A quick statistical study of thirty puzzles revealed that, since the solver’s heuristic always selects the box with the fewest possible digit choices, there was a very high likelihood that when the recursive call to select was made, the ‘bits’ array would not need to be saved at all. In fact, ‘bits’ needed to be pushed less than 10% of the time, for a 90% potential saving in the most time-consuming operation!

Scott then coded the recursion in two flavors: expensive recursion, where ‘bits’ would be pushed, and cheap recursion, where only the value of a single byte, ‘best’, would be saved. This single change almost doubled the speed of the solver.

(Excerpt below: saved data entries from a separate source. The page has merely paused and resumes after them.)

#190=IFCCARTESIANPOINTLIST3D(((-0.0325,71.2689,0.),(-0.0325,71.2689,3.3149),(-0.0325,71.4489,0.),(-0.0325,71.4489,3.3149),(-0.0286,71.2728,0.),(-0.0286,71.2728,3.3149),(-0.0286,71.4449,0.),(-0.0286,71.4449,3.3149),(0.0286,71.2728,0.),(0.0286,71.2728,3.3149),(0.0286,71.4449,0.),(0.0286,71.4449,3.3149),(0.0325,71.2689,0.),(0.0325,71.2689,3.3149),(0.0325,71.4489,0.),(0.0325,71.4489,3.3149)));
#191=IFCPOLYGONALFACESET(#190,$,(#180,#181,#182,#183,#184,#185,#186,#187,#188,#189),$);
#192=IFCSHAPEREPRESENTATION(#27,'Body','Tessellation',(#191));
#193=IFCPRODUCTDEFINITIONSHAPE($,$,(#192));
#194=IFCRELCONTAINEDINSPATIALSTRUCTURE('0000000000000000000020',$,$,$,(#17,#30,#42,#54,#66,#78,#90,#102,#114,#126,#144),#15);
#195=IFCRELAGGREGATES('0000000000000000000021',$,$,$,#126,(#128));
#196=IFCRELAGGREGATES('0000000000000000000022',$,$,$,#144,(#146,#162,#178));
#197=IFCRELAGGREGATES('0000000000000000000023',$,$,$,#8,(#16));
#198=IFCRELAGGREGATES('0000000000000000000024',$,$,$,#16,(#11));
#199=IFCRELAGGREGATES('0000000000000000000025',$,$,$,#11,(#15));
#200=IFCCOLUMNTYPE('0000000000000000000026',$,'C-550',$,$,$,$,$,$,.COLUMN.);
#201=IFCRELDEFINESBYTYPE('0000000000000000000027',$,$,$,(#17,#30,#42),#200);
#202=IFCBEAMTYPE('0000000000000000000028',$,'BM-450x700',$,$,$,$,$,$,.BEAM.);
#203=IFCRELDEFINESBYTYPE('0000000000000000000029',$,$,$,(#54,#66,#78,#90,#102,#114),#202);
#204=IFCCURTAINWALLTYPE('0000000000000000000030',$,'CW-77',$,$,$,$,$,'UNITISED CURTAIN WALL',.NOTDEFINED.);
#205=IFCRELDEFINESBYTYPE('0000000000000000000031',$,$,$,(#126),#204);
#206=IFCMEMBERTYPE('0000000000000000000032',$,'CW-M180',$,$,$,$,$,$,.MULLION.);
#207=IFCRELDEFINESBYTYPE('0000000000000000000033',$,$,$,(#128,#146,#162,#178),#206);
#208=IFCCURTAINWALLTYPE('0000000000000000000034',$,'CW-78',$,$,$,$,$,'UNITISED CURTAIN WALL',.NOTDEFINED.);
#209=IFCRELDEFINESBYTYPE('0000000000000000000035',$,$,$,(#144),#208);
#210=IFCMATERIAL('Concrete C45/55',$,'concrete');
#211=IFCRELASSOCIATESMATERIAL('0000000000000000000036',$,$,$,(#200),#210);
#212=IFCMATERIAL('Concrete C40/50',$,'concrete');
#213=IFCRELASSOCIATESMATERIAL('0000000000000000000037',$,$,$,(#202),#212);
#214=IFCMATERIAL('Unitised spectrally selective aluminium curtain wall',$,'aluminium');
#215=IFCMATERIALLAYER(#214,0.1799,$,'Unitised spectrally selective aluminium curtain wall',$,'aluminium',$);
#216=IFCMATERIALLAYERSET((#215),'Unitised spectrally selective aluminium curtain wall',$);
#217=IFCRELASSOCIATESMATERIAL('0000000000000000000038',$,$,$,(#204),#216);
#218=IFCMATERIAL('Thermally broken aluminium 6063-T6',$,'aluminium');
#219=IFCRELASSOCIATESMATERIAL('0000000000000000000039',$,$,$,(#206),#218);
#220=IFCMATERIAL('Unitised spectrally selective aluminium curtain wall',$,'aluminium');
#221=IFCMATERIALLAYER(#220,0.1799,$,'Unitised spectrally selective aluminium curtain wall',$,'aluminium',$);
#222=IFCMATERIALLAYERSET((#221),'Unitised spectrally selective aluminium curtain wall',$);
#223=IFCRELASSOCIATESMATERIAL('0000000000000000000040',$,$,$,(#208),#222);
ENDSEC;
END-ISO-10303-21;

This was the first version Scott sent to me for integration with the Applesoft front-end. I modified it to animate the placement and removal of trial digits, so that the screen display of the grid would be "live" and a user could see that the program was running. Scott expressed some concern that doing a screen update for each ‘setbox’ and ‘unsetbox’ might slow the program down excessively, and suggested making the animation optional.

By the next day, the solver had been integrated, directly animating the screen display and communicating its status to the calling BASIC program through a return code in memory. I used a table of screen pointers to do the screen update, so it only took a few cycles. The net impact on speed was less than 5%, so I decided not to bother with an option to turn it off. Besides, having something interesting to watch makes subjective time go much faster!

I sent the integrated program to Scott for his trials, and he made some suggestions about both the animation and the (lack of) preservation of the grid upon return to the editor from the solver. I made both changes, and cleaned up the program further, including adding a grid consistency check so that the solver won’t try to solve a grid whose "givens" violate the rules.

I then turned to "packaging" the first version of the program for release, and to writing this article. As often happens when reviewing what you have done, you discover things forgotten—in this case, I had forgotten to include a command to print the puzzle grid! So that led to another quick turn-around, and brought us to the first release point.

There were several optimizations that we considered but didn't make in the first version, and some more ideas were contributed on comp.sys.apple2 after the first version's release. Anton Treuenfels in particular made several suggestions for optimization, and Paul Schlyter suggested a version that did not require a 65C02 or 80-column firmware. So I decided to develop version 2.0 to run on all Apple IIs and incorporate some optimizations.

I realized that my aversion to code modification had prevented me from making some changes to increase speed, and I decided to see what lifting this restriction could do. I also traded more space for time, by page-aligning the 'bits' stack and making the frame a whole page, wasting 94 bytes per frame, but speeding up address modifications. The 'count' bit-count table was also page-aligned for similar reasons. I also took Anton's suggestion and added a table of pointers to rows of the 'others' matrix, eliminating the multiply-by-24 code and enabling both shorter rows (no sentinels) and entries that were pre-multiplied by 2. In version 2.0, I used address modification in 'setbox' and 'select', the real time-consumers, to simplify the code and reduce register juggling. I also added a table for multplying an index register by 2 into the other register, which saved some time.

Although it had nothing to do with the solver speed, I added a machine-language routine to paint the grid on the screen, making interaction much faster on a 1MHz machine. A short routine to clear the bottom 3 lines of the screen was also added to remove the dependency on the 80-column firmware's "clear to end of screen" control character.

The net impact of all the solver optimizations was a little more than an 18% speedup--which almost makes this a case study in why "technical" optimizations should be left to the end. The payoff for a significant amount of code change was much less than a factor of two. Of course, there may still be gold left to mine...

From here on, it’s up to you—have fun!